# Filling in holes on or near a septic leach field



## fre1102 (Jul 22, 2020)

Hi all,

I bought a new house last year. I have not historically been a lawn nut, but this yard has me wanting to improve it. One of the issues I have is that the backyard is incredibly uneven and bumpy, with ruts and holes/depressions everywhere. Almost all of the backyard is a septic system leach field.

I've Googled and read and it looks like "less is more" when adding material over a leach field. For most of the uneven spots we'd be talking about a few inches of material, max. But the worst/biggest hole is about a foot deep and maybe two feet in diameter. This hole seems to be on the edge of the drain field--when I cut the grass and stand on a second storey deck you can pretty clearly see where the leach field is laid out and it looks like this depression is a 'fall off' of the edge where they didn't fill in a spot when they originally built the leach field. I can't be sure, though, so my next thought is: it's an actual hole. So even if it was over the field, it's just bringing it up to level with the rest of the field. ...right?

I couldn't think of whom else to ask--is it okay to fill in that hole and smooth out the rest of the area? Driving the mower over it is...jarring, at best.
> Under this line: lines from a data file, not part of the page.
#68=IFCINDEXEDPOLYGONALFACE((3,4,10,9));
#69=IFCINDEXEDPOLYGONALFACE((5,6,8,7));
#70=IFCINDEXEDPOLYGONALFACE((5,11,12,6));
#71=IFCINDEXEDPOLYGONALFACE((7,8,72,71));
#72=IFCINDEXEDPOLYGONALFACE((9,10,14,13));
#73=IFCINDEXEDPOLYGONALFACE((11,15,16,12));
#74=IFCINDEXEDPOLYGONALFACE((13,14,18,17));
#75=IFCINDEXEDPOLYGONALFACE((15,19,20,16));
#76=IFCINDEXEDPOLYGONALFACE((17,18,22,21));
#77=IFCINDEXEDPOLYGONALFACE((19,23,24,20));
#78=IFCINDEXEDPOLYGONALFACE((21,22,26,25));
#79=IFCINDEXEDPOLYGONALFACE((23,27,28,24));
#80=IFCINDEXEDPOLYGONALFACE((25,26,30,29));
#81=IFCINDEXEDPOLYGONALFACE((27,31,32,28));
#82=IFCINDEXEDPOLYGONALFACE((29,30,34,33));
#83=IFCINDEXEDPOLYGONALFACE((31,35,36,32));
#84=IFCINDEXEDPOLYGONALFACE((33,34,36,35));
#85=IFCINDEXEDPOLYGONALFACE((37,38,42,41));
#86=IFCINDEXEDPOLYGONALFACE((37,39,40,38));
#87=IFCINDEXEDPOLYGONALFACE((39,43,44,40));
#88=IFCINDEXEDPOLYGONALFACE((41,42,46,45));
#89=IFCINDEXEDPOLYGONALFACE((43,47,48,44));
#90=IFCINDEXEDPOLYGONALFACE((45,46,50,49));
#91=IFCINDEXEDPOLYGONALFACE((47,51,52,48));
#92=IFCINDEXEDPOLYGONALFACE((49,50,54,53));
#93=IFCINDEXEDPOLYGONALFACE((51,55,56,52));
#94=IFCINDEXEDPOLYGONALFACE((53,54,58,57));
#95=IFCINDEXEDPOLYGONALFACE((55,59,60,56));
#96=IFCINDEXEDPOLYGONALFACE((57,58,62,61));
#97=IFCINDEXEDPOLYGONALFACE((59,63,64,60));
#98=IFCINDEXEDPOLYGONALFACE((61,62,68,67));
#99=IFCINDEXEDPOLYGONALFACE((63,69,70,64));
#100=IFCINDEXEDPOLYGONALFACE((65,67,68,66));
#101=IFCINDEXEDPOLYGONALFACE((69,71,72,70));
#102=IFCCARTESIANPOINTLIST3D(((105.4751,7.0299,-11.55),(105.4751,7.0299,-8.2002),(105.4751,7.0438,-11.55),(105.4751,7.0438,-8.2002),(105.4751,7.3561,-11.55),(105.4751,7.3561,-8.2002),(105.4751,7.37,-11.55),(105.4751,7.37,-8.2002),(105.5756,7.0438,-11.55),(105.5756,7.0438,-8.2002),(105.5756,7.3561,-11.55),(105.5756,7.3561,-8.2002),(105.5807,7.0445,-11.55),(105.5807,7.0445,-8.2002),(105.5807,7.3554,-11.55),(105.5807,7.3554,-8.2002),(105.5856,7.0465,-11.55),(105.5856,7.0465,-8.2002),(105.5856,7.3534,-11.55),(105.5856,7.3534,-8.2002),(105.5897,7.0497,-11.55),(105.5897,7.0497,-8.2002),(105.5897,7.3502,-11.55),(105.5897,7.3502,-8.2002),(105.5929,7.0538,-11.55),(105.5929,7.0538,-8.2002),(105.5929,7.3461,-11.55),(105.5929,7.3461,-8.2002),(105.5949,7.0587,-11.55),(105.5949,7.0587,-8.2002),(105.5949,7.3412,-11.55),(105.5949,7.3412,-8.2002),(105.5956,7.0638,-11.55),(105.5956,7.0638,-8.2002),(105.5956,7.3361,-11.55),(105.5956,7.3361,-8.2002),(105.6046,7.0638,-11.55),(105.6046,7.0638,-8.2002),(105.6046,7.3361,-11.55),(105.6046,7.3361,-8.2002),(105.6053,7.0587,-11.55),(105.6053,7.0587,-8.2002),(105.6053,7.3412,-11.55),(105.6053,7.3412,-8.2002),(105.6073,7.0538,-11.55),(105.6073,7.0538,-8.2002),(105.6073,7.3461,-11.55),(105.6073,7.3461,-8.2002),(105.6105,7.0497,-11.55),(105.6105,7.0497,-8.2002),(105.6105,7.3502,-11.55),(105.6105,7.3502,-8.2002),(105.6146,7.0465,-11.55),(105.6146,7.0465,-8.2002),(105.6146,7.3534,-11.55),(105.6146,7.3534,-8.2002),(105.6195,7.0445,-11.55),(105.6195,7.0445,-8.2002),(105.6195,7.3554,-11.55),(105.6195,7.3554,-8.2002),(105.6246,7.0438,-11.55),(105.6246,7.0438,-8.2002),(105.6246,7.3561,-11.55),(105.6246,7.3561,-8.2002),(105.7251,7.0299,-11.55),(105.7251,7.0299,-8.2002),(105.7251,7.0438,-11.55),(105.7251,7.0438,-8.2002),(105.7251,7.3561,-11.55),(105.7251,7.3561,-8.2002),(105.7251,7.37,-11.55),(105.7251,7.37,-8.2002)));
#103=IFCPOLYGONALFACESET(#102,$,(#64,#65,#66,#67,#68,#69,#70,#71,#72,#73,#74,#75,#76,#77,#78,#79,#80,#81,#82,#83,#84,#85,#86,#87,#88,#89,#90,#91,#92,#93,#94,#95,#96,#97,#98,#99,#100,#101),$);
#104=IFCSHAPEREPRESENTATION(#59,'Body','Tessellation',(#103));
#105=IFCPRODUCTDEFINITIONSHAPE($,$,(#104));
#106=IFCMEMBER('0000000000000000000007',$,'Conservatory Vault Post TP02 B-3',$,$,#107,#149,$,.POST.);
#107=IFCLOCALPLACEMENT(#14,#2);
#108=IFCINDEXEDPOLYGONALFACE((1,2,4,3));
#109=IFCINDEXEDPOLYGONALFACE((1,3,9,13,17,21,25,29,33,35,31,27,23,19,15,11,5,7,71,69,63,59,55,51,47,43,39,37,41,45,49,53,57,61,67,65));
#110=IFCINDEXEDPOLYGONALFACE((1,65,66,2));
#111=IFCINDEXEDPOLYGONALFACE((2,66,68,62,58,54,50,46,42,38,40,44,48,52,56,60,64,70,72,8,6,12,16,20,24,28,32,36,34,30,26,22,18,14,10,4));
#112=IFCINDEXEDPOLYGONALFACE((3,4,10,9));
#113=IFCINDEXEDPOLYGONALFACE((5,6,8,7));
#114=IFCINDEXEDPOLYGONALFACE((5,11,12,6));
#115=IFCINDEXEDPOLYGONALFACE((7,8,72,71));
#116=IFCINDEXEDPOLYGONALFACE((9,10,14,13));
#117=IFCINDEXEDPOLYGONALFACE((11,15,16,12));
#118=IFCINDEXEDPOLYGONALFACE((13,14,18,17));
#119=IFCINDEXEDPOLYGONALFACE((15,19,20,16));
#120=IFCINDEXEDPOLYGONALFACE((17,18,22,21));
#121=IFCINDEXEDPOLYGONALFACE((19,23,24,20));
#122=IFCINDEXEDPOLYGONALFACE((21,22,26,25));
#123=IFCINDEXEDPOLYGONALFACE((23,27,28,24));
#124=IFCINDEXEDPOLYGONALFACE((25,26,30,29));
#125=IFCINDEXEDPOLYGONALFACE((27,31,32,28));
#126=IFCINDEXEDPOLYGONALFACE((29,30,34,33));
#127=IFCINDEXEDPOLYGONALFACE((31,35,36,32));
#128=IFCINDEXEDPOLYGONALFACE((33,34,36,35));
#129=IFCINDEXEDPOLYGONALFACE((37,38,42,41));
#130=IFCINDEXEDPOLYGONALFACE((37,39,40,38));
Next I get to deal with growing some real grass on it, but I think that's a conversation for another day...

Thanks in advance.


----------



## BadDogPSD (Jul 9, 2020)

Did you have a septic tank inspection when you bought the house? Any chance the 1'x2' depression could be where one of the access lids is located?
I don't see an issue with leveling the lawn. The only thing I'm aware of is you may not want to apply too much water where the leech field lines are located.


----------



## Thejarrod (Aug 5, 2018)

I had a similar issue at my house. Edge of the mound had a hole. It almost looked like the ran out of topsoil when leveling it (my mound is flatter than average with the rest of the lawn ). It was maybe 3ft across and 8 inches deep. I leveled it out and the system works fine...as far as I can tell.


----------